Si la brutal frenada de la economía global por el efecto de la pandemia de coronavirus no se puede controlar y se expande con un efecto dominó, el mundo podría ser arrastrado a un ajuste sin precedentes desde la depresión de 1930.
No solo por la magnitud y velocidad de los eventos, sino también porque coincide con los mercados financieros que estaban inmersos en otra exuberancia irracional, fogoneada por el exceso de liquidez y tasas de interés mínimas, pero que esta vez no impacta en el mercado inmobiliario, como en la crisis de 2008, sino en las empresas.
En los Estados Unidos, a fines de 2019 el endeudamiento de las empresas rompía el récord del 75% del PBI, mientras que el índice de capitalización bursátil respecto al PBI también alcanzaba el récord histórico del 151%.
Pero la pandemia ya deja de ser un cisne negro para convertirse en un dardo envenenado para la economía global, cuyo alcance y profundidad son todavía inciertos.
Con el mundo virtualmente parado, el primero en sufrirlo es el turismo (hoteles, aerolíneas, cruceros), un sector que representa el 10% del producto bruto global, pero que también impacta a restaurantes, entretenimiento o automotrices.
Solo por nombrar algunas firmas, American Airlines, Cirque du Soleil, o Ford -esta última cayendo a categoría de bono basura-, sufren de estrés financiero.
También empresas del sector energético, sobre todo en petróleo no convencional, por la caída en más del 50% en el precio del crudo, que hace inviable el negocio a muchas empresas del sector, incluyendo a las de Vaca Muerta.
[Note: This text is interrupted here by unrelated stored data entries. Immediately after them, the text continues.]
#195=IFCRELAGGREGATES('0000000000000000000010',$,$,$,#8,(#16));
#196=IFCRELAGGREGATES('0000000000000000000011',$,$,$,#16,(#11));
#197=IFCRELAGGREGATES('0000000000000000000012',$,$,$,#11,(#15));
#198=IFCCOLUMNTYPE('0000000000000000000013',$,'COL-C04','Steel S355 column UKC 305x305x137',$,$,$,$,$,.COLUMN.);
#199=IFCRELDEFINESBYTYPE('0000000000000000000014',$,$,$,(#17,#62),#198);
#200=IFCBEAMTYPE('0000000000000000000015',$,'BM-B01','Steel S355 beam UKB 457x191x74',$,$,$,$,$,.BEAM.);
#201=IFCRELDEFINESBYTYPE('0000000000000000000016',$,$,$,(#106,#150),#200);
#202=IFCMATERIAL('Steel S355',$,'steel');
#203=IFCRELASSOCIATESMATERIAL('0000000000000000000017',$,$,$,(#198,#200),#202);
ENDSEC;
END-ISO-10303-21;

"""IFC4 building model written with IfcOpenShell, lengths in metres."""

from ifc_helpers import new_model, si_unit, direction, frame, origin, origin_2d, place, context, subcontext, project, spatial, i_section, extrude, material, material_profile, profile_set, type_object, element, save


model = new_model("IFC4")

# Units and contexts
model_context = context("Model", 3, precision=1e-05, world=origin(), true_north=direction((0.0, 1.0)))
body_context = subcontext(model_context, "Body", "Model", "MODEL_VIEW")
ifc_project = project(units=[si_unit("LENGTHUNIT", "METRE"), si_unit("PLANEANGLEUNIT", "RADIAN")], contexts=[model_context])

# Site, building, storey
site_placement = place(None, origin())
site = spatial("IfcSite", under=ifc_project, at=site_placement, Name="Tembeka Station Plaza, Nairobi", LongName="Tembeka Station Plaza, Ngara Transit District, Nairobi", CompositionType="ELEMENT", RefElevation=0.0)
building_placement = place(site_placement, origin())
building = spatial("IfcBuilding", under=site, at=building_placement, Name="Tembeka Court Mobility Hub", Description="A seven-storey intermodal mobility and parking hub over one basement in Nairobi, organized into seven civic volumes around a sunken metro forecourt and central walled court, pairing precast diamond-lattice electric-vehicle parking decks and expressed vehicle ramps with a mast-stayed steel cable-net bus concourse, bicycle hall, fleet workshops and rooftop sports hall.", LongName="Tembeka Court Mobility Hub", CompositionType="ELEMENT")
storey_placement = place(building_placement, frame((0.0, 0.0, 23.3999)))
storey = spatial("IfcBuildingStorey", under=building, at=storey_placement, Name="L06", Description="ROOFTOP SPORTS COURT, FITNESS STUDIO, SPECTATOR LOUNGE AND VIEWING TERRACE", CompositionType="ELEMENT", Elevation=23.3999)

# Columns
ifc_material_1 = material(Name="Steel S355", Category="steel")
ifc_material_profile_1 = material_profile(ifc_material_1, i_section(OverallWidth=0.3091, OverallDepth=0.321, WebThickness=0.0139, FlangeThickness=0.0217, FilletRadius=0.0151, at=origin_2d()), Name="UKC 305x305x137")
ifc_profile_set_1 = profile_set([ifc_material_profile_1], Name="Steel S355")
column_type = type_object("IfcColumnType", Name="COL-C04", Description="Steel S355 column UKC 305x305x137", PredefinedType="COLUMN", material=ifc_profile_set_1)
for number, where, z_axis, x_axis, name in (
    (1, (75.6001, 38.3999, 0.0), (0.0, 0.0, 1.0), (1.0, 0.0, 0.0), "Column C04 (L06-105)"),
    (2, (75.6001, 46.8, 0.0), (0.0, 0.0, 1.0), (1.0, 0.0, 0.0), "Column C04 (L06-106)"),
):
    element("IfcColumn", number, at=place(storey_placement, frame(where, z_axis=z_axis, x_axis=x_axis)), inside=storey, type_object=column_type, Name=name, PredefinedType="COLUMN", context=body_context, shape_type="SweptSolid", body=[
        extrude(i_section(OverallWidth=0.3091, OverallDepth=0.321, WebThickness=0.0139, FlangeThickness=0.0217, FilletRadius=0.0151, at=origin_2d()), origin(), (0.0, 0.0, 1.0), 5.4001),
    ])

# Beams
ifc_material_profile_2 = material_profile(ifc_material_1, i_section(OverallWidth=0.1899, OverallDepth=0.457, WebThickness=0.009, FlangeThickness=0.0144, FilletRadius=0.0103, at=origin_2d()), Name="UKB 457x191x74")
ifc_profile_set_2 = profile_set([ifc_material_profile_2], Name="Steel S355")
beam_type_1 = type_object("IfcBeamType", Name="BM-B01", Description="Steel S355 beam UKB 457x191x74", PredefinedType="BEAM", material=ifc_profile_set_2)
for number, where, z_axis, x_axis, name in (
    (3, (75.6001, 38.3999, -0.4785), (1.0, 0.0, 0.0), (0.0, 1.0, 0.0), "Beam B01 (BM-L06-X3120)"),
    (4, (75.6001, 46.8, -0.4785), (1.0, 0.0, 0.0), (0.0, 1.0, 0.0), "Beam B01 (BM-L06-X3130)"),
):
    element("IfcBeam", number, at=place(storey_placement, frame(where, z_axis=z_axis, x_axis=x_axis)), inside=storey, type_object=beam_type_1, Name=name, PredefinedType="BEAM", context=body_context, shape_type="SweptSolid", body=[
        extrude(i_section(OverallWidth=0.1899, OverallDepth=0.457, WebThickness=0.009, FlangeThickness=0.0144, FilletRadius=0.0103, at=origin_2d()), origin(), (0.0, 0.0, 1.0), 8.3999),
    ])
Además, millones de personas perderán su empleo y no podrán pagar sus hipotecas o tarjetas de crédito, impactando también en el sistema financiero, que anticipa un tsunami de defaults, sobre todo corporativos.
Con este panorama, así como el distanciamiento social minimiza los contagios entre personas, los ministerios de finanzas y bancos centrales de diferentes países lanzan paquetes de medidas sin precedentes buscando mitigar el efecto en cadena del cierre masivo de empresas, un aumento abrupto del desempleo y la inestabilidad social.
No todos los países enfrentan la pandemia de la misma manera ni tienen los mismos recursos financieros para paliar la economía.
Corea del Sur o Israel, por ejemplo, que aplicaron un control epidemiológico efectivo, cuentan además con finanzas sanas que les permitirían inyectar recursos para estimular su economía, si fuese necesario.
Otros, como Brasil, a pesar de contar con menores recursos financieros y más de diez millones de personas viviendo en favelas, optó por su economía, teniendo en cuenta sus cincuenta y cinco millones de habitantes que viven en la pobreza y el día a día.
La Argentina priorizó el aspecto sanitario, asumiendo el riesgo de que se profundice la recesión, de no poder controlar la pandemia por el hacinamiento en barrios carenciados y a que sin superávit fiscal, acceso al endeudamiento ni reservas suficientes, solo le quede la emisión monetaria para mantener a flote a pymes, comercios y sobre todo, al segmento más vulnerable de la población.
En este combo de mayores gastos y caída de ingresos fiscales, las presiones por recursos que tendrá el gobierno serán enormes, pudiendo caer en la tentación (y error) de exigirle aún más al complejo agroalimentario.
Si bien el gremialismo rural no tiene el peso de sus pares de Brasil, Australia o Estados Unidos, ni el lobby de los laboratorios, de los petroleros, o incluso del líder de los camioneros, la verdadera fuerza de los productores surge de sus bases y autoconvocados, ya en máxima alerta por una situación financiera ajustada y una presión fiscal insoportable.
Pero así como políticos, científicos, académicos y tantos otros dejan sus diferencias de lado y se concentran en trabajar en forma coordinada para combatir la pandemia, podríamos aprovechar la mayor conciencia social que nos impone esta crisis para generar nuevos liderazgos que diseñen e implementen una política agroindustrial que nos saque a flote.